To successfully integrate a neuron into a circuit, a myriad of developmental events must occur correctly and in the correct order. Neurons must be born and grow out toward a destination, responding to guidance cues to direct their path. Once arrived, each neuron must segregate to the correct sub-region before sorting through a milieu of incorrect partners to identify the correct partner with which they can connect. Finally, the neuron must make a synaptic connection with their correct partner; a connection that needs to be broadly maintained throughout the life of the animal while remaining responsive to modes of plasticity and pruning. Though many intricate molecular mechanisms have been discovered to regulate each step, recent work showed that a single family of proteins, the Teneurins, regulates a host of these developmental steps in - an example of biological adaptive reuse.

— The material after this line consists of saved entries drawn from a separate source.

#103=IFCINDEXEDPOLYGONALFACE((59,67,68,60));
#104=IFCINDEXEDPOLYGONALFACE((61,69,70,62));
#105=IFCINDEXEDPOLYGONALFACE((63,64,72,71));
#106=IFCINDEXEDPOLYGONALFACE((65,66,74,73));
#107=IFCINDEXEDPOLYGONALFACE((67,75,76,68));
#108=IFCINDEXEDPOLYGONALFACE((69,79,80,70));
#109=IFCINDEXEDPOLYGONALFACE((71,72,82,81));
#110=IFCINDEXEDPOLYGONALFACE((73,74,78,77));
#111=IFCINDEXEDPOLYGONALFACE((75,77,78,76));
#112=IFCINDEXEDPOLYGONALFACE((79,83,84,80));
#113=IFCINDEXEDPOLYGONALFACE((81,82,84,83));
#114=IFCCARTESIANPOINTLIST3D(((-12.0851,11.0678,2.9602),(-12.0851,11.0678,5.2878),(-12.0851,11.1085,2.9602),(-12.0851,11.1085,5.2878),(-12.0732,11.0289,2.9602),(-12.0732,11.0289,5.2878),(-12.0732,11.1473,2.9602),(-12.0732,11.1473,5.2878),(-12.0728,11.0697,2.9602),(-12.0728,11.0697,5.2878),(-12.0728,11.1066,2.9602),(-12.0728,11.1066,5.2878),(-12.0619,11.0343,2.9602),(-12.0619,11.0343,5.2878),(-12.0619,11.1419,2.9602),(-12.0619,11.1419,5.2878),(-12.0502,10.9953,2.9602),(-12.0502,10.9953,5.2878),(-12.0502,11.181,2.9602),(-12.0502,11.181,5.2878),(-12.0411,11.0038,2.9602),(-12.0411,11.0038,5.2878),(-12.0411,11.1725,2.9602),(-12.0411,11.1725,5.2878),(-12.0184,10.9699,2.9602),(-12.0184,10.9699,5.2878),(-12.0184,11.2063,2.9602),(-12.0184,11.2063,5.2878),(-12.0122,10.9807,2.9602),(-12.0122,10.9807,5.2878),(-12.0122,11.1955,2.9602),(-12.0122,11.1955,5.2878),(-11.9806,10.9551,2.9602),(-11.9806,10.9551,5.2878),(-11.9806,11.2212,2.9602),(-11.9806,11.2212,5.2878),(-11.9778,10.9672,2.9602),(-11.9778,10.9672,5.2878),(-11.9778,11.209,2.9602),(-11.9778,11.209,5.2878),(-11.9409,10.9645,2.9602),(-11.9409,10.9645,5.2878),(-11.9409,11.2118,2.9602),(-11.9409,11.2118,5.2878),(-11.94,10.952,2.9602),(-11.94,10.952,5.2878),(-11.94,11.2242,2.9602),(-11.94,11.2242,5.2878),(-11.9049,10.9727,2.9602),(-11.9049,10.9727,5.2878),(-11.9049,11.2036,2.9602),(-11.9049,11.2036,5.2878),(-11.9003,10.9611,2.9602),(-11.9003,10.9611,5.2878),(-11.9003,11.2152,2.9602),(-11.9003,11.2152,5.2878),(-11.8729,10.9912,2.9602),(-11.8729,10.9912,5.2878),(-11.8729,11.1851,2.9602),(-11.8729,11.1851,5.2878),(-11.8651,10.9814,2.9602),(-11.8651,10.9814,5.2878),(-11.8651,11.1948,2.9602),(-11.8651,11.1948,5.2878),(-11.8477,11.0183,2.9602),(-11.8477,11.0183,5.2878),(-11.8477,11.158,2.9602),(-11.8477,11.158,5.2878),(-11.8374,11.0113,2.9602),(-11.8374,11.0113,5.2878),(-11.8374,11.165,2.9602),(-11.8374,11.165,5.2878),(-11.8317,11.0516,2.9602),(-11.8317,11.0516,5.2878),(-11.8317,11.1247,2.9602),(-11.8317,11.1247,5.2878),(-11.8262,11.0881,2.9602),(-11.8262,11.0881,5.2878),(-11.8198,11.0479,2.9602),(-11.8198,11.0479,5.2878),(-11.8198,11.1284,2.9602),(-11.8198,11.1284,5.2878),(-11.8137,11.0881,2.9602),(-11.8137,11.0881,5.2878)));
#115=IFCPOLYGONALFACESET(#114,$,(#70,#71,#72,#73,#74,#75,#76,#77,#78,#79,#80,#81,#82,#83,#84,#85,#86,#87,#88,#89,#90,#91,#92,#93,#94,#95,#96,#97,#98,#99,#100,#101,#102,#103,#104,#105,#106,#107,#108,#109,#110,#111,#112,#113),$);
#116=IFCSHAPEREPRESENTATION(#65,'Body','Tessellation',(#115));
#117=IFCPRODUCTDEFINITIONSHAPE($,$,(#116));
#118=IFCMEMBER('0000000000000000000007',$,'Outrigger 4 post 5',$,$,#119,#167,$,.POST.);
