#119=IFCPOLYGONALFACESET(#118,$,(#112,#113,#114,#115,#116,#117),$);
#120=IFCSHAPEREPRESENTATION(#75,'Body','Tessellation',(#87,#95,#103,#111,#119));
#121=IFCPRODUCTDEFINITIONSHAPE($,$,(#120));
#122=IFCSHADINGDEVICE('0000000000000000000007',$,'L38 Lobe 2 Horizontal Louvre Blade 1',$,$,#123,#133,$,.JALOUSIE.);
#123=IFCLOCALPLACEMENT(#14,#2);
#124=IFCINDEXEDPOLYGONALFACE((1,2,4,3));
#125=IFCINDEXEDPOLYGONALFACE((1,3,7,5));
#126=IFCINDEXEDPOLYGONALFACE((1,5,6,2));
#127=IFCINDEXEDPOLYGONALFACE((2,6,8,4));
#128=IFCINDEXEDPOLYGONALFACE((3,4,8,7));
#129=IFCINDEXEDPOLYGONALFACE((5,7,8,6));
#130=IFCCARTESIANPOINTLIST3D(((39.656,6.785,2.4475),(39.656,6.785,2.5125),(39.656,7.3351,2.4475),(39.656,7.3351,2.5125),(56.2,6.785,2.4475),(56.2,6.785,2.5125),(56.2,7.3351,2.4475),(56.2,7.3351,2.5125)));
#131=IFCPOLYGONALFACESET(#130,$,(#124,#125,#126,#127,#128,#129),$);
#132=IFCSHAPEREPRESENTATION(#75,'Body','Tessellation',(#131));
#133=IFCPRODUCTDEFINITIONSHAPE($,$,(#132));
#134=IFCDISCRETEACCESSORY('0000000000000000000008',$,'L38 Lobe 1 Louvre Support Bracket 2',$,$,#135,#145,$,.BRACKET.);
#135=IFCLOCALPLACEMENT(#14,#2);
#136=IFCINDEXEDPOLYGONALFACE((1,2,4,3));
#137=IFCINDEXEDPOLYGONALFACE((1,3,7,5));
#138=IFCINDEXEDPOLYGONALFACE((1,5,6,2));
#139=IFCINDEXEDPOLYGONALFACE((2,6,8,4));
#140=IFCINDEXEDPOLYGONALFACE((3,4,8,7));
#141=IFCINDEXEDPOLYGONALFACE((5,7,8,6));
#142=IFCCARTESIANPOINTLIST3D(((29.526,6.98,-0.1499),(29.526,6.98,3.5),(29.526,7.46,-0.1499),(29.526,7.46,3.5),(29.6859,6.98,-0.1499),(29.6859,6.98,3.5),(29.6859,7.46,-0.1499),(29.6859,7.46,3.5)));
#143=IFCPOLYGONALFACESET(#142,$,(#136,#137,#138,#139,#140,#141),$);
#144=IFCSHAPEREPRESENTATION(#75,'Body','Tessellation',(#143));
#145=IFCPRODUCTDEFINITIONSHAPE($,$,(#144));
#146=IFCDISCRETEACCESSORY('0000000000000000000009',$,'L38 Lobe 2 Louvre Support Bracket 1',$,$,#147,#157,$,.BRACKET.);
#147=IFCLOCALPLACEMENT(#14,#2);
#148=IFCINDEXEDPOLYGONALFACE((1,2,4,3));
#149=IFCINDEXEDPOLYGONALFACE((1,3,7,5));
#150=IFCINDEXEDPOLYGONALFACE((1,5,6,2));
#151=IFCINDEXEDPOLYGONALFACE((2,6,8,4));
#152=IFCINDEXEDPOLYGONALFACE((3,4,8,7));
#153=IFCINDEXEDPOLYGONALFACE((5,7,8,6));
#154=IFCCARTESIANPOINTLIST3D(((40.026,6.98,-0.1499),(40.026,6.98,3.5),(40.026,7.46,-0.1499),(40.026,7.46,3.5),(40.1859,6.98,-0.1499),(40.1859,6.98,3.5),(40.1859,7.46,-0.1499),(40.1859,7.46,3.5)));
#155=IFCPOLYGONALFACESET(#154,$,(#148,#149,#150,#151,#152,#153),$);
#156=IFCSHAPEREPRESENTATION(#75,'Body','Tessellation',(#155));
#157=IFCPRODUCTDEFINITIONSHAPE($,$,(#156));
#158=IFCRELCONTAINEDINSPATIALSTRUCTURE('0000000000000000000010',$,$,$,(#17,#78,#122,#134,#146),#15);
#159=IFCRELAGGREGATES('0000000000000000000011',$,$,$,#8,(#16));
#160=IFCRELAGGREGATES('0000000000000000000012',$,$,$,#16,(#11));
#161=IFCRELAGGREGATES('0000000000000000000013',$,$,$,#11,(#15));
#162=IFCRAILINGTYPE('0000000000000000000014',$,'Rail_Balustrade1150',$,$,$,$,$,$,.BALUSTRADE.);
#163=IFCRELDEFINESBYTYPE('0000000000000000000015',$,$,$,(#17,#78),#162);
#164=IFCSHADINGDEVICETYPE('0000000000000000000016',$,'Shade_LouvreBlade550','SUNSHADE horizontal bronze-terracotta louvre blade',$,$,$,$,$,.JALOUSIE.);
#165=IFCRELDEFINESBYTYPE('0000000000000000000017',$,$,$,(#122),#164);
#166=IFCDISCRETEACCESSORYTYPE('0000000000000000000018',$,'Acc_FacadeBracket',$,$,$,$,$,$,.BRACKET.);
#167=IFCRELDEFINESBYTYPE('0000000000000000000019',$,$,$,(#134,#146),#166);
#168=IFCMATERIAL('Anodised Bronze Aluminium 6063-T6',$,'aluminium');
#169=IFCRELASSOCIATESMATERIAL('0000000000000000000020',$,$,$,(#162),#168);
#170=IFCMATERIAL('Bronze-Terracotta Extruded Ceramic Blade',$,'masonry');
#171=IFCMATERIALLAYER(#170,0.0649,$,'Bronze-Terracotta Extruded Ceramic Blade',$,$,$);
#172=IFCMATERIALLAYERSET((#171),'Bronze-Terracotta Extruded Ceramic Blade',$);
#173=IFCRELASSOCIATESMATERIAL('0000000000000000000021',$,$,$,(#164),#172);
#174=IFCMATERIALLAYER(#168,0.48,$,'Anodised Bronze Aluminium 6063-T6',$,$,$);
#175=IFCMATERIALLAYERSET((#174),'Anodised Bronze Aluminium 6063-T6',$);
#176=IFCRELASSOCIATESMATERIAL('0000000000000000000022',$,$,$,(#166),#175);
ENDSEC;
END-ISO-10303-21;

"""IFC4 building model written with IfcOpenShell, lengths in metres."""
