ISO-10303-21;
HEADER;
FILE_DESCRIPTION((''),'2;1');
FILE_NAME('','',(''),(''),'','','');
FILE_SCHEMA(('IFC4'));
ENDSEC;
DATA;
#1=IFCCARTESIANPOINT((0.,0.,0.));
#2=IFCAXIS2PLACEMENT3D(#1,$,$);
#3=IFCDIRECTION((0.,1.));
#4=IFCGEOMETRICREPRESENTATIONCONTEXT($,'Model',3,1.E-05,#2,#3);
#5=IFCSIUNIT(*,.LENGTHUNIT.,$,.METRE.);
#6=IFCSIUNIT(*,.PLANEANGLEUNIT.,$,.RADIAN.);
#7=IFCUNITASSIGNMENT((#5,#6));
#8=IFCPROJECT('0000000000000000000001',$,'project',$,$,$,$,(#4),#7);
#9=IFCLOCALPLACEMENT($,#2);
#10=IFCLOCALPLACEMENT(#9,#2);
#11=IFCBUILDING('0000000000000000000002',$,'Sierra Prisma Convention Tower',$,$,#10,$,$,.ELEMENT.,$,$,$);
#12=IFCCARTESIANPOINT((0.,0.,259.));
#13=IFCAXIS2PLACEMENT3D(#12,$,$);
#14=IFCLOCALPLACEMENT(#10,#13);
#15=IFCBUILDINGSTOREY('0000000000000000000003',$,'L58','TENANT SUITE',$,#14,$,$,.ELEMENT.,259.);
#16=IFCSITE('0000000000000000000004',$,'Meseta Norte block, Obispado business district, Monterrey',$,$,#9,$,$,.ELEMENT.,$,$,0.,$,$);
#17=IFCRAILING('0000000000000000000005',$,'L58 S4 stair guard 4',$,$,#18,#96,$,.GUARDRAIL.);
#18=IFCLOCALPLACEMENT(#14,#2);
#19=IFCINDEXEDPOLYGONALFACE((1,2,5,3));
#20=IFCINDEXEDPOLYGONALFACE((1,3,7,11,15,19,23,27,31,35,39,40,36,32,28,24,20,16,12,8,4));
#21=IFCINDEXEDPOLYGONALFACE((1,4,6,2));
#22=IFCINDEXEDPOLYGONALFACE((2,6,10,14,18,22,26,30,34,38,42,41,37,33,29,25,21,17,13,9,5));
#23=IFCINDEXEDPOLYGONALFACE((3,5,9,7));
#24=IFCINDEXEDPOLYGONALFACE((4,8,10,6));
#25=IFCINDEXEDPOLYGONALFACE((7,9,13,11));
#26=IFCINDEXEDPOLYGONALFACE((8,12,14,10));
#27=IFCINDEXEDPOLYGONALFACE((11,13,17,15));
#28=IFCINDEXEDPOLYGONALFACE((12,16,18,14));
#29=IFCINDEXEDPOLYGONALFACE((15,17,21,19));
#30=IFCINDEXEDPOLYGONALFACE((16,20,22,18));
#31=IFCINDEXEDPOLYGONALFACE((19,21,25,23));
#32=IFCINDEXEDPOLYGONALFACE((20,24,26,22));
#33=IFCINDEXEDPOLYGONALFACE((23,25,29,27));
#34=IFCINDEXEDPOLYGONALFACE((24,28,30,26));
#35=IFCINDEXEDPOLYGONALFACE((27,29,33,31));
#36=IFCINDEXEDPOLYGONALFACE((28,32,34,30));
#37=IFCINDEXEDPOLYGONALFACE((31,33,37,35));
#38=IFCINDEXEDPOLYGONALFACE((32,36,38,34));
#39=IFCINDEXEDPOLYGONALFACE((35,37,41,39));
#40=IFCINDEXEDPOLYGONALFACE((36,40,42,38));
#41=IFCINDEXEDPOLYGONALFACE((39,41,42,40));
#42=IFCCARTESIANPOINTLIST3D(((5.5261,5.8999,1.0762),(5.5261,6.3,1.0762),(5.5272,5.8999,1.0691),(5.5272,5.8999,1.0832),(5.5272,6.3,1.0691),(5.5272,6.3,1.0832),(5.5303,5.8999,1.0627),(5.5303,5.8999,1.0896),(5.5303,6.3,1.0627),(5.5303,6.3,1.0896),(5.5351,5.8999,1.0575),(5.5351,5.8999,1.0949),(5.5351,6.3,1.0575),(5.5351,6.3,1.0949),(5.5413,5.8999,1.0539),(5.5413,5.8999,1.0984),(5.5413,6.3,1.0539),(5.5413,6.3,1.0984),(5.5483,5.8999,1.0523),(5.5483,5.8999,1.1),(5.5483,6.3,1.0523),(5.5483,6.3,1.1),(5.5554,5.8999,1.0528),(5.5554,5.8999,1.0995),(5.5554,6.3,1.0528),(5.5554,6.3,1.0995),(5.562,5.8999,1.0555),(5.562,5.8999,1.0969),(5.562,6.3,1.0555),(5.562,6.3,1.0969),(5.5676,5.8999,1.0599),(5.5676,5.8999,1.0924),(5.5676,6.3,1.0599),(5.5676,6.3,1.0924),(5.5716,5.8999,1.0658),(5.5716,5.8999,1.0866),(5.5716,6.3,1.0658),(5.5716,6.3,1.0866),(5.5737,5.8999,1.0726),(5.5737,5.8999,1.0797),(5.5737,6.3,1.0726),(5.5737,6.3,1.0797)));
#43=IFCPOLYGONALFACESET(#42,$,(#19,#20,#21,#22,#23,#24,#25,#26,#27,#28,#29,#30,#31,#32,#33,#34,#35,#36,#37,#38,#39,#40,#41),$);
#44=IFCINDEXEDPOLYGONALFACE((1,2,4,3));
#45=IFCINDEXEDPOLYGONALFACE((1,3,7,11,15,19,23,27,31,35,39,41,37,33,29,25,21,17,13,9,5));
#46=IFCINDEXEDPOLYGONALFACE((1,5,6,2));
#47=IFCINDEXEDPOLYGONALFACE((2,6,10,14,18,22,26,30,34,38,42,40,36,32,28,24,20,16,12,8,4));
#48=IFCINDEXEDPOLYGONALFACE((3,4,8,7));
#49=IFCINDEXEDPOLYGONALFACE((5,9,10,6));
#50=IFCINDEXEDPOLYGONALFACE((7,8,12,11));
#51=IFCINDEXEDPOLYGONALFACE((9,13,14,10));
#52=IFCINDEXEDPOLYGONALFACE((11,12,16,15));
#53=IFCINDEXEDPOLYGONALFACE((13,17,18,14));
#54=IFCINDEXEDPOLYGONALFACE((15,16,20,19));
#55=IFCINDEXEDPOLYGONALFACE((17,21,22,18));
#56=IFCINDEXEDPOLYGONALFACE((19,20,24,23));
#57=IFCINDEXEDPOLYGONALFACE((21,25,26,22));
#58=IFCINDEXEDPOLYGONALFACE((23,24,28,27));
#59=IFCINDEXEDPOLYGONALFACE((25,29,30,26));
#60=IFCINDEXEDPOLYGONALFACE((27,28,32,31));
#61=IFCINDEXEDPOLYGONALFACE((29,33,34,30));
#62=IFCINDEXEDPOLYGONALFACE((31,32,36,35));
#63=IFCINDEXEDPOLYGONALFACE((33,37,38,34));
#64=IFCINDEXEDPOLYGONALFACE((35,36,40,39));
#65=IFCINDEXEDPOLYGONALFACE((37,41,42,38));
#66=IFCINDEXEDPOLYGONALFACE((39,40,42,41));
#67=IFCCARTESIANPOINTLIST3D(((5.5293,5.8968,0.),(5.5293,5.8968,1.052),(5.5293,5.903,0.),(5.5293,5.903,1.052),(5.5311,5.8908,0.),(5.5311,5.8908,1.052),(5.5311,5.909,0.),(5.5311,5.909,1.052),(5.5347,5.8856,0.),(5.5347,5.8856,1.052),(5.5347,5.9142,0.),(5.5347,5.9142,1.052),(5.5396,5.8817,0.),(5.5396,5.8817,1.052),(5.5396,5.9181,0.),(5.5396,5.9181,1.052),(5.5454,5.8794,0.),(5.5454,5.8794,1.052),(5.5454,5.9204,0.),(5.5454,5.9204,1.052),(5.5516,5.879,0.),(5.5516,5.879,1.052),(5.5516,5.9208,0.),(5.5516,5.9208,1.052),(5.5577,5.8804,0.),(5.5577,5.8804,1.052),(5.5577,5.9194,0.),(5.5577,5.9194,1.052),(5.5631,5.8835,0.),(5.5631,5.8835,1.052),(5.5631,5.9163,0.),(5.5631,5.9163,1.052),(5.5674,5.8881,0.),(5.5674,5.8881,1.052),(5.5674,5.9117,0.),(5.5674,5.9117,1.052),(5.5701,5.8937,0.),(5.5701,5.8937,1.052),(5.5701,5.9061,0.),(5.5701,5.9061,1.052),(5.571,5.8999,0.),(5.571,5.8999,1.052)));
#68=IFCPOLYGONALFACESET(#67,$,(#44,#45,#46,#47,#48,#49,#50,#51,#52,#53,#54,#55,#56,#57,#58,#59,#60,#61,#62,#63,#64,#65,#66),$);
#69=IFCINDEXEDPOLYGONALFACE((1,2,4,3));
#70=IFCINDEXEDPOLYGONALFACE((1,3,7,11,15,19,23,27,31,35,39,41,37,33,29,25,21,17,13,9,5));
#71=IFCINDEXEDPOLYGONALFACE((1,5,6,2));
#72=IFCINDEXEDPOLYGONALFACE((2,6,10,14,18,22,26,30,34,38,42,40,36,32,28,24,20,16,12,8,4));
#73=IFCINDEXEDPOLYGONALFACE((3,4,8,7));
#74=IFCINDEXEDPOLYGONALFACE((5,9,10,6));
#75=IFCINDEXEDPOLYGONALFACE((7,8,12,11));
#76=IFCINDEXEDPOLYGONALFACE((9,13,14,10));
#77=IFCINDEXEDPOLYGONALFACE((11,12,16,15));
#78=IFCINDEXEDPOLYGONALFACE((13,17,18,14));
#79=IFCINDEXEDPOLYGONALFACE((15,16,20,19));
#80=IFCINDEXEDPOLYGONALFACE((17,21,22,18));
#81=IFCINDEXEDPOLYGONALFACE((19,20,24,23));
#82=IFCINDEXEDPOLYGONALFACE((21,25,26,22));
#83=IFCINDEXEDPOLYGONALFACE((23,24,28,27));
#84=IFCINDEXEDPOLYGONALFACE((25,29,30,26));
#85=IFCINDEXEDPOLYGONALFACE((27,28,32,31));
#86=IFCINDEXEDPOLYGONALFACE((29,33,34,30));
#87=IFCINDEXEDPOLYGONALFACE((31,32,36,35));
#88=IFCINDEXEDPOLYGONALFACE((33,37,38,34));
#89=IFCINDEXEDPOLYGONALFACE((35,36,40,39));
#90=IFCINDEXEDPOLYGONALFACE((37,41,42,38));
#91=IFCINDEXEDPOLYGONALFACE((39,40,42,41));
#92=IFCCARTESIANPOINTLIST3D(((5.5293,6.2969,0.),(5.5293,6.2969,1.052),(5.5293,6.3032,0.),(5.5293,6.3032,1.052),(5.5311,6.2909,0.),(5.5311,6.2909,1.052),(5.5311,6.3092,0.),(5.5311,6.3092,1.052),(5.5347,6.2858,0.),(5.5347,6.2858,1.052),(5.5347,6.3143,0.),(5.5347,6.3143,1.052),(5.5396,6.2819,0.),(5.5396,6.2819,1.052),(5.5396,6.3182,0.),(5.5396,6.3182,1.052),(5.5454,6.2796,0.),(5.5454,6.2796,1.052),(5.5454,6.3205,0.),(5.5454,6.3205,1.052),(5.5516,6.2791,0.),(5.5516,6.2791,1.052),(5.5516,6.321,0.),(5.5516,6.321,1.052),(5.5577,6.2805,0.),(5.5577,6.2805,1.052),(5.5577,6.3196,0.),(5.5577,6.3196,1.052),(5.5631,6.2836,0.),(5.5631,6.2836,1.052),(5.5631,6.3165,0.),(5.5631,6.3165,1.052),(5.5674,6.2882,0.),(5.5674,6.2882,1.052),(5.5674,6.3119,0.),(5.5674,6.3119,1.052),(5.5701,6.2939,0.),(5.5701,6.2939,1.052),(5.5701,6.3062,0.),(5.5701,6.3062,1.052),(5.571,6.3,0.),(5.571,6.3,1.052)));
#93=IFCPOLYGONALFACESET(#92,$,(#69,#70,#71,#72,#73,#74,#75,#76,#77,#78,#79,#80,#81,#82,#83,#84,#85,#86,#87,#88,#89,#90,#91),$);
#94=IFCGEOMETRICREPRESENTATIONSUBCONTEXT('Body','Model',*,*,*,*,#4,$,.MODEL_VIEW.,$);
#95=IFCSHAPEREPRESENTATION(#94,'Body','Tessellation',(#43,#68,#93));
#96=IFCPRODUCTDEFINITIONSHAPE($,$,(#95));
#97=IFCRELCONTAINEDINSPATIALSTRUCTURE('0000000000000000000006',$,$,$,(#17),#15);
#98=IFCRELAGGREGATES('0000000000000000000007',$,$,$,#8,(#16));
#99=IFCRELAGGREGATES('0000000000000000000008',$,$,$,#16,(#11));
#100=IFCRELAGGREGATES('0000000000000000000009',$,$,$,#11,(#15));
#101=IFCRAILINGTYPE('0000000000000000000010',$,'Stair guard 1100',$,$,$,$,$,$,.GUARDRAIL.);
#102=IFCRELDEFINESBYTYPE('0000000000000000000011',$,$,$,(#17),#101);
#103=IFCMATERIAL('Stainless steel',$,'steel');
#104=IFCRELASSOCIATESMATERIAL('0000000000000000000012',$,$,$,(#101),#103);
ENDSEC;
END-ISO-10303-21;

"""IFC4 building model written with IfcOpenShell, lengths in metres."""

from ifc_helpers import new_model, si_unit, direction, frame, origin, origin_2d, place, context, subcontext, project, spatial, circle, extrude, material, type_object, element, save


model = new_model("IFC4")

# Units and contexts
model_context = context("Model", 3, precision=1e-05, world=origin(), true_north=direction((0.0, 1.0)))
body_context = subcontext(model_context, "Body", "Model", "MODEL_VIEW")
ifc_project = project(units=[si_unit("LENGTHUNIT", "METRE"), si_unit("PLANEANGLEUNIT", "RADIAN")], contexts=[model_context])

# Site, building, storey
site_placement = place(None, origin())
site = spatial("IfcSite", under=ifc_project, at=site_placement, Name="Meseta Norte block, Obispado business district, Monterrey", CompositionType="ELEMENT", RefElevation=0.0)
building_placement = place(site_placement, origin())
building = spatial("IfcBuilding", under=site, at=building_placement, Name="Sierra Prisma Convention Tower", CompositionType="ELEMENT")
storey_placement = place(building_placement, frame((0.0, 0.0, 259.0)))
storey = spatial("IfcBuildingStorey", under=building, at=storey_placement, Name="L58", Description="TENANT SUITE", CompositionType="ELEMENT", Elevation=259.0)

# Railing
ifc_material_1 = material(Name="Stainless steel", Category="steel")
railing_type_1 = type_object("IfcRailingType", Name="Stair guard 1100", PredefinedType="GUARDRAIL", material=ifc_material_1)
railing_1_placement = place(storey_placement, frame((5.55, 5.8999, 0.0)))
element("IfcRailing", 1, at=railing_1_placement, inside=storey, type_object=railing_type_1, Name="L58 S4 stair guard 4", PredefinedType="GUARDRAIL", context=body_context, shape_type="SweptSolid", body=[
    extrude(circle(Radius=0.0239, at=origin_2d()), frame((0.0, 0.0, 1.0762), z_axis=(0.0, 1.0, 0.0), x_axis=(-1.0, 0.0, 0.0)), (0.0, 0.0, 1.0), 0.4001),
    extrude(circle(Radius=0.021, at=origin_2d()), origin(), (0.0, 0.0, 1.0), 1.052),
    extrude(circle(Radius=0.021, at=origin_2d()), frame((0.0, 0.4001, 0.0)), (0.0, 0.0, 1.0), 1.052),
])

save(model, "model.ifc")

Teneurins first influence axon guidance during early development. Once neurons arrive in their target regions, Teneurins enable partner matching and synapse formation in both the central and peripheral nervous systems. Despite these diverse processes and systems, the Teneurins use conserved mechanisms to achieve these goals, as defined by three tenets: (1) transsynaptic interactions with each other, (2) membrane stabilization via an interaction with and regulation of the cytoskeleton, and (3) a role for presynaptic Ten-a in regulating synaptic function. These processes are further distinguished by (1) the nature of the transsynaptic interaction - homophilic interactions (between the same Teneurins) to engage partner matching and heterophilic interactions (between different Teneurins) to enable synaptic connectivity and the proper apposition of pre- and postsynaptic sites and (2) the location of cytoskeletal regulation (presynaptic cytoskeletal regulation in the CNS and postsynaptic regulation of the cytoskeleton at the NMJ). Thus, both the roles and the mechanisms governing them are conserved across processes and synapses. Here, we will highlight the contributions of synaptic biology to our understanding of the Teneurins, discuss the mechanistic conservation that allows the Teneurins to achieve common neurodevelopmental goals, and present new data in support of these points. Finally, we will posit the next steps for understanding how this remarkably versatile family of proteins functions to control multiple distinct events in the creation of a nervous system.